Download or read book Burden Of Freedom written by Myles Munroe and published by Charisma Media. This book was released on 2013-09-02 with total page 257 pages. Available in PDF, EPUB and Kindle. Book excerpt: The Burden Of Freedom explains that too many people use past oppression to remain mired in hatred and irresponsibility today. The spirit of oppression has specific telltale effects on individuals, communities, and nations.

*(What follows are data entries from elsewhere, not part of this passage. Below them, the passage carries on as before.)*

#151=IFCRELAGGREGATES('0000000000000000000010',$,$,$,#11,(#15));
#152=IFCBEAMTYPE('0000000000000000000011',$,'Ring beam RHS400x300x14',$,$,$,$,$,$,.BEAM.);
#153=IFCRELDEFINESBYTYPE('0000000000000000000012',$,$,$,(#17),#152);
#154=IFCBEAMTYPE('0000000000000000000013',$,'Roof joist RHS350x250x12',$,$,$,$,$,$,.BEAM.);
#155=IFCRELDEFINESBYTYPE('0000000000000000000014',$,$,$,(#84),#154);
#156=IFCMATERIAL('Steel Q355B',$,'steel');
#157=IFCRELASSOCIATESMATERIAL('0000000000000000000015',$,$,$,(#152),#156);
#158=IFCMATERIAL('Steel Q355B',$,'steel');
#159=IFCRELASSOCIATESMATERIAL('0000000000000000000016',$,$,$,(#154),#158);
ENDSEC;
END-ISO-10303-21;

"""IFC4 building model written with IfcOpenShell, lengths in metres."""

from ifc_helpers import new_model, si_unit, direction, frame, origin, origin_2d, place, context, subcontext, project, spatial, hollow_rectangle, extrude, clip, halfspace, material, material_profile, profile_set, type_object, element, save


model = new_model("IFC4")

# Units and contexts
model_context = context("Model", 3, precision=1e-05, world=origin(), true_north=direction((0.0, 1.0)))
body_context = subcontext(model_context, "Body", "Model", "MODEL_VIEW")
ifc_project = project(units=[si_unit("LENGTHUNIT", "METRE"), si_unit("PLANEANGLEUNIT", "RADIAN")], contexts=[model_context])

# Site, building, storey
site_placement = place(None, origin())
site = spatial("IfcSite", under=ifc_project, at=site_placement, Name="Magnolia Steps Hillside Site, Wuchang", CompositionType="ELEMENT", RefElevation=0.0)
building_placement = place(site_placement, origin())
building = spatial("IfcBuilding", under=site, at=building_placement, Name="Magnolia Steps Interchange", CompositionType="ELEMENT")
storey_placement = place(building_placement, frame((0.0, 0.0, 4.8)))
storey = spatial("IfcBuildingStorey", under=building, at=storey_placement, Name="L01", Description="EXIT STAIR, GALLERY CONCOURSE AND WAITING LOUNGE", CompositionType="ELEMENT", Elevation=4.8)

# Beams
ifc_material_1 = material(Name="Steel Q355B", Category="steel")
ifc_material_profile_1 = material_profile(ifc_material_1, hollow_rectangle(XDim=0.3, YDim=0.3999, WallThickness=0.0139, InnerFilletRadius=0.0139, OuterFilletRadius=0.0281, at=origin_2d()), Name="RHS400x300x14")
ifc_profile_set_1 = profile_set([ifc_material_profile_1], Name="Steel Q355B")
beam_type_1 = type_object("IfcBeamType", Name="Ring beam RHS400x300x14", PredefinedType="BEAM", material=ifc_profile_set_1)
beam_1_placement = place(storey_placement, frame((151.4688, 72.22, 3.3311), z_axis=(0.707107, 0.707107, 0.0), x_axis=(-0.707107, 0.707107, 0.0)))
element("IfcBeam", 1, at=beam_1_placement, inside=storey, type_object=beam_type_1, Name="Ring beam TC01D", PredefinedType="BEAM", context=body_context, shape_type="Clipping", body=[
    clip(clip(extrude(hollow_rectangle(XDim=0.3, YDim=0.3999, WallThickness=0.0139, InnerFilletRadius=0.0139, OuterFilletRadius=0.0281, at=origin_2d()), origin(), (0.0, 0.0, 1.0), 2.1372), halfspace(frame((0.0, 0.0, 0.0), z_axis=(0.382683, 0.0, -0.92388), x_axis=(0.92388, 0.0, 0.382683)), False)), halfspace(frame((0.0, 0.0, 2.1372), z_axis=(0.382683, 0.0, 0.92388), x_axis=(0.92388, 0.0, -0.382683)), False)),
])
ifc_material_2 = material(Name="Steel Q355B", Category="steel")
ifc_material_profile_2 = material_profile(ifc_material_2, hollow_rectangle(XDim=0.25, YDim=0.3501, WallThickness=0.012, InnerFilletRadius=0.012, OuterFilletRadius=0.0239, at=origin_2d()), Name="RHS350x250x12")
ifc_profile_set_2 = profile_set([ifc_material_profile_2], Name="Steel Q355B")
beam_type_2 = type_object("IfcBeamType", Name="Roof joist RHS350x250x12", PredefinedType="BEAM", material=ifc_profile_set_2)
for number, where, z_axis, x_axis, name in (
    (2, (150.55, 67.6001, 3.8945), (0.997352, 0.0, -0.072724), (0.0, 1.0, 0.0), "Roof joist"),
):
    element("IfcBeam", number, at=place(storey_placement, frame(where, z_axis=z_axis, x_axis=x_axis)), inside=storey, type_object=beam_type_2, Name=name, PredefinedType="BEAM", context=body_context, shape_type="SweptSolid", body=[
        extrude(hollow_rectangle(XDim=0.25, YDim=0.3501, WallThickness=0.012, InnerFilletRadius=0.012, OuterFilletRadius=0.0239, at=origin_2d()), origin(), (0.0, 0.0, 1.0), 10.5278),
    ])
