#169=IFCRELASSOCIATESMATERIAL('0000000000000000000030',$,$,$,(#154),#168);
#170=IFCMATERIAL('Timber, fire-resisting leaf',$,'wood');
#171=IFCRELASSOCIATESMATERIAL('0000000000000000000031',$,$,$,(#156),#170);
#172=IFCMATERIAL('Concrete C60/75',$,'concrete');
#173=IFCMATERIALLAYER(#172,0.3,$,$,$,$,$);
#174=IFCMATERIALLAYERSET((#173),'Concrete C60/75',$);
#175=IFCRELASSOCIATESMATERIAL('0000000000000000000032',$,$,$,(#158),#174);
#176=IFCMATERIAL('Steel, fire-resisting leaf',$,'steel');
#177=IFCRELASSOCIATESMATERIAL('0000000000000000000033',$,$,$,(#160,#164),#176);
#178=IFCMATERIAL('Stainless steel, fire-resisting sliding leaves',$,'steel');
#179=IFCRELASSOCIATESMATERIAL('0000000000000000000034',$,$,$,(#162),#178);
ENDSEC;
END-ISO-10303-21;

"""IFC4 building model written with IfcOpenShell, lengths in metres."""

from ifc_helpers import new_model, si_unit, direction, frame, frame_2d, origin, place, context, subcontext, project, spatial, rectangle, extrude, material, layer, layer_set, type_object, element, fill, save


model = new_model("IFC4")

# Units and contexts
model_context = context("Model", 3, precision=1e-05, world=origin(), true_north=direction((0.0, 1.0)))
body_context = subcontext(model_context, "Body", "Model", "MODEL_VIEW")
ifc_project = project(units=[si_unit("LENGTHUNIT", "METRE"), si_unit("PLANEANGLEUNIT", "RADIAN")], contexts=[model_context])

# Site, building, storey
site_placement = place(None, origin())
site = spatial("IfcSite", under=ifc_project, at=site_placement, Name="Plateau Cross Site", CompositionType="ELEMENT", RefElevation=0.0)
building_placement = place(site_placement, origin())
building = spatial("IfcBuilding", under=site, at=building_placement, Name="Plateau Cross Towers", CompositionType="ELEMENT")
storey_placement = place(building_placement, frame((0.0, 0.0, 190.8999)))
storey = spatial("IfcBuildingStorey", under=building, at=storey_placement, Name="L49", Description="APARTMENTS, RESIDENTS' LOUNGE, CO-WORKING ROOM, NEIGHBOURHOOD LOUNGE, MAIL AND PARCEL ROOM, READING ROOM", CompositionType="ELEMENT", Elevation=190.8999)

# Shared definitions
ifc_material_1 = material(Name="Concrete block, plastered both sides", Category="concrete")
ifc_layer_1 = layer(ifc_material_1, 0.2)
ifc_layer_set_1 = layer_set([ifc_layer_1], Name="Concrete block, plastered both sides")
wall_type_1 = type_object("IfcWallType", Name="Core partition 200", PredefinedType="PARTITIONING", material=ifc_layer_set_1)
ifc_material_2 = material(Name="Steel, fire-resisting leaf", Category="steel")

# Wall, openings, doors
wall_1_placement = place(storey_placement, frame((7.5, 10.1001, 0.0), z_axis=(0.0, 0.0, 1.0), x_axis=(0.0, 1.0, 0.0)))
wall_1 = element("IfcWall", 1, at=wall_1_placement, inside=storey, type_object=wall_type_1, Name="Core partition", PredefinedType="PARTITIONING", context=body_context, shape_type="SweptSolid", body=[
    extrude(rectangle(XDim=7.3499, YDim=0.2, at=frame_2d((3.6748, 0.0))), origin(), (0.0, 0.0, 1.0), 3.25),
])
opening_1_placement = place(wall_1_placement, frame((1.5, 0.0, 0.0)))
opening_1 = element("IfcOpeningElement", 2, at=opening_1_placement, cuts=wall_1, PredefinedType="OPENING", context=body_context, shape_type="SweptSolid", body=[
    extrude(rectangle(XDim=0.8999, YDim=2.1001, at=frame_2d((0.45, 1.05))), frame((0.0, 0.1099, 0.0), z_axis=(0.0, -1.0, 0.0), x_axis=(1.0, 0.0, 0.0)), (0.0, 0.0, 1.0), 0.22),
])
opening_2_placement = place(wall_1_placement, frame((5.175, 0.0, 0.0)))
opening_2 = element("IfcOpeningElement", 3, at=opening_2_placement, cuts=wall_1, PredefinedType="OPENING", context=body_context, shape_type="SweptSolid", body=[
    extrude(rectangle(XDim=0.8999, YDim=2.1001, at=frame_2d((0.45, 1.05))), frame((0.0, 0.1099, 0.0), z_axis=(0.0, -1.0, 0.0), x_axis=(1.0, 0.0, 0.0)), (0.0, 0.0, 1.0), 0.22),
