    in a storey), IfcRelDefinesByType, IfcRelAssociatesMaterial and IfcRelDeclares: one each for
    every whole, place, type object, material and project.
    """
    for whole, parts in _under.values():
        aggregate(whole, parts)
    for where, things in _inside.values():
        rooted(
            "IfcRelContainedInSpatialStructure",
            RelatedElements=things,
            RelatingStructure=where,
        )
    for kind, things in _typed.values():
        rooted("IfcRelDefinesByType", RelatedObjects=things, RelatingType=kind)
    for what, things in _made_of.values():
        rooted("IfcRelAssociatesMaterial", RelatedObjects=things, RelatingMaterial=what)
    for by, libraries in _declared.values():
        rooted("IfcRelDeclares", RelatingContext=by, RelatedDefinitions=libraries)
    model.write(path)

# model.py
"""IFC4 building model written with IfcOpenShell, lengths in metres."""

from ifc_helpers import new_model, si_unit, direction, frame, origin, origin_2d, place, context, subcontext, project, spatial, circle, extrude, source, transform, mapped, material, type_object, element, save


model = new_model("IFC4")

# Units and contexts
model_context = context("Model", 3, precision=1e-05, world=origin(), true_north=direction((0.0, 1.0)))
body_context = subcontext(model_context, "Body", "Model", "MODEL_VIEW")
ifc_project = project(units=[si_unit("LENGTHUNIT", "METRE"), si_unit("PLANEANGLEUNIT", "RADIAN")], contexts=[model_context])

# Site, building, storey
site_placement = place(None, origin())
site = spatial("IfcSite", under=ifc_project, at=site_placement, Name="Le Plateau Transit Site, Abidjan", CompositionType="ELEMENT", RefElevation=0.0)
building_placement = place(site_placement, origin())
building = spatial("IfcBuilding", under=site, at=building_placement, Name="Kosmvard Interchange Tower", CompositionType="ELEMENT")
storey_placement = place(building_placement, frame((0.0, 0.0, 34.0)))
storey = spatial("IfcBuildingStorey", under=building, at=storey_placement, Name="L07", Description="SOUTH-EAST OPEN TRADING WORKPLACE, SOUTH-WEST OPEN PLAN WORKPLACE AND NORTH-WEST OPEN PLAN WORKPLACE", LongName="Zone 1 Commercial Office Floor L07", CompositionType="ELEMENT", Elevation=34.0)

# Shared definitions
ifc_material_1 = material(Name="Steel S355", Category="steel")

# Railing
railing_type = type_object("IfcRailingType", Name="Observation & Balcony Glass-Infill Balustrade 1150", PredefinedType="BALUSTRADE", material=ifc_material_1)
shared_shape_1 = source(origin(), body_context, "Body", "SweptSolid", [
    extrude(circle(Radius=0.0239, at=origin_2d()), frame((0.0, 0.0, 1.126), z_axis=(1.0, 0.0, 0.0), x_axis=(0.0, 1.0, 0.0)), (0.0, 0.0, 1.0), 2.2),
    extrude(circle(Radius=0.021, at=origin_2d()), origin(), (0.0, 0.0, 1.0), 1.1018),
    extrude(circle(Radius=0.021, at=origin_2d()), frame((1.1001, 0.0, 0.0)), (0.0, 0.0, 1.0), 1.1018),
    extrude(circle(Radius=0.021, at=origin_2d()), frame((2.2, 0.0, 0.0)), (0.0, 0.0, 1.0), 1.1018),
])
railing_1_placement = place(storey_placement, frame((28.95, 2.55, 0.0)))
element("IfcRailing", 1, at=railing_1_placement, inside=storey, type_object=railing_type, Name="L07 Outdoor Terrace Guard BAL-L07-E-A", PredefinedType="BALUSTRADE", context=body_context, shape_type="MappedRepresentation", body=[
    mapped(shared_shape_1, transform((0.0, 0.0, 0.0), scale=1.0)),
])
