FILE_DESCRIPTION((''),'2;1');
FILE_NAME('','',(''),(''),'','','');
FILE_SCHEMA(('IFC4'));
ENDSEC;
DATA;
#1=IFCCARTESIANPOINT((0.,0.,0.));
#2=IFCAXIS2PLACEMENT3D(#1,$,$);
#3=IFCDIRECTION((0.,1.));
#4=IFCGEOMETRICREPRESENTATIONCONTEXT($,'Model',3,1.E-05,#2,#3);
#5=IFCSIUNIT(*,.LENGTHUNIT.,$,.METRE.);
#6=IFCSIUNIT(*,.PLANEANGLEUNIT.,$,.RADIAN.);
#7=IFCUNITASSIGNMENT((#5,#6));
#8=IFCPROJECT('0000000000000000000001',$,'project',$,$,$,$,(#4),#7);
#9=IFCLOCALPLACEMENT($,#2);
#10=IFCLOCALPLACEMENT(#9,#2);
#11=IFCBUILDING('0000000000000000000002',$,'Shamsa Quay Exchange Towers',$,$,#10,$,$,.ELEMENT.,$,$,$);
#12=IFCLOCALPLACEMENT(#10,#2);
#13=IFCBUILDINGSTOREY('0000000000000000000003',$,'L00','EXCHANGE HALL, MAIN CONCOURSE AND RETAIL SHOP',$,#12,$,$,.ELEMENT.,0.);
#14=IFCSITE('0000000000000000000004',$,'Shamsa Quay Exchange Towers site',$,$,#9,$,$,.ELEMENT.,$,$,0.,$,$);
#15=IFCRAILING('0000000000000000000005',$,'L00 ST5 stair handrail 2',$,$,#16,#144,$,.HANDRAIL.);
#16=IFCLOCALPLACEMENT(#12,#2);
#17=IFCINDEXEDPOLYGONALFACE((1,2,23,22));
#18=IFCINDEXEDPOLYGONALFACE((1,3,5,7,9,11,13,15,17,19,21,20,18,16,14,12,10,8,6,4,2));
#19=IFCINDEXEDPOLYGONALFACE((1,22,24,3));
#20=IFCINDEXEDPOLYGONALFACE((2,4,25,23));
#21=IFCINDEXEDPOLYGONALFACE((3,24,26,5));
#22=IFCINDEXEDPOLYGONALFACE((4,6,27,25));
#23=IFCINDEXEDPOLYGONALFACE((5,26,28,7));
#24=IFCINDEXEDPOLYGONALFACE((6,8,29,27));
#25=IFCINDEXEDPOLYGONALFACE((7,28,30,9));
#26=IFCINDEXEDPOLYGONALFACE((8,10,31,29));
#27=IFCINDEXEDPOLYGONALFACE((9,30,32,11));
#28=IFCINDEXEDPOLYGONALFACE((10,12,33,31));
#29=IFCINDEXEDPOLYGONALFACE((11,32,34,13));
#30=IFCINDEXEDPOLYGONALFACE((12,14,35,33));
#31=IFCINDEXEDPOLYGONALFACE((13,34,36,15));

Book Radical Responsibility

    Book Details:
  • Author : Fleet Maull, Ph.D.
  • Publisher : Sounds True
  • Release : 2019-05-14
  • ISBN : 1683641965
  • Pages : 227 pages

Download or read book Radical Responsibility written by Fleet Maull, Ph.D. and published by Sounds True. This book was released on 2019-05-14 with total page 227 pages. Available in PDF, EPUB and Kindle. Book excerpt: An Invitation to Discover Personal Freedom, Authentic Relationships, and Limitless Possibility What is the greatest obstacle to your fulfillment, success, and happiness? “It's the belief,” teaches Fleet Maull, “that your current situation, whatever it is, has the power to determine your future.” Before he was a revered meditation teacher, Fleet Maull served 14 years in prison for drug trafficking. And during that time, he embarked on a path of transformation and service that today has helped tens of thousands—from inmates to hospice patients to top-level business leaders. With Radical Responsibility, he invites us to experience for ourselves the life-changing journey from victim to co-creator. Here, he guides us step by step to shift our fear-based conditioning into the habits of courage, compassion, and positive change. Join him to delve deeply into: • The complete Radical Responsibility® method for breaking free of your learned limitations and accessing limitless possibility • Discovering basic goodness— your indestructible inner resource for happiness, connection, and strength • Fleet Maull's mindfulness-based emotional intelligence (MBEI) model—neuroscience-informed principles and tools for shedding shame and blame and embracing self-awareness, resilience, and freedom from our self-created suffering • Getting off the Drama Triangle and into the Empowerment Zone—profound practices to transform interpersonal conflicts • Creating your life plan—a clear and achievable map for living your highest purpose, and many other chapters of real-world-tested insights and strategies If you would like to take your life to the next level and truly optimize your health, relationships, career, and other life pursuits, Radical Responsibility will give you the expert guidance to move beyond the inner walls of your beliefs and realize your full potential. This book includes access to guided audio sessions for many of the exercises, available online.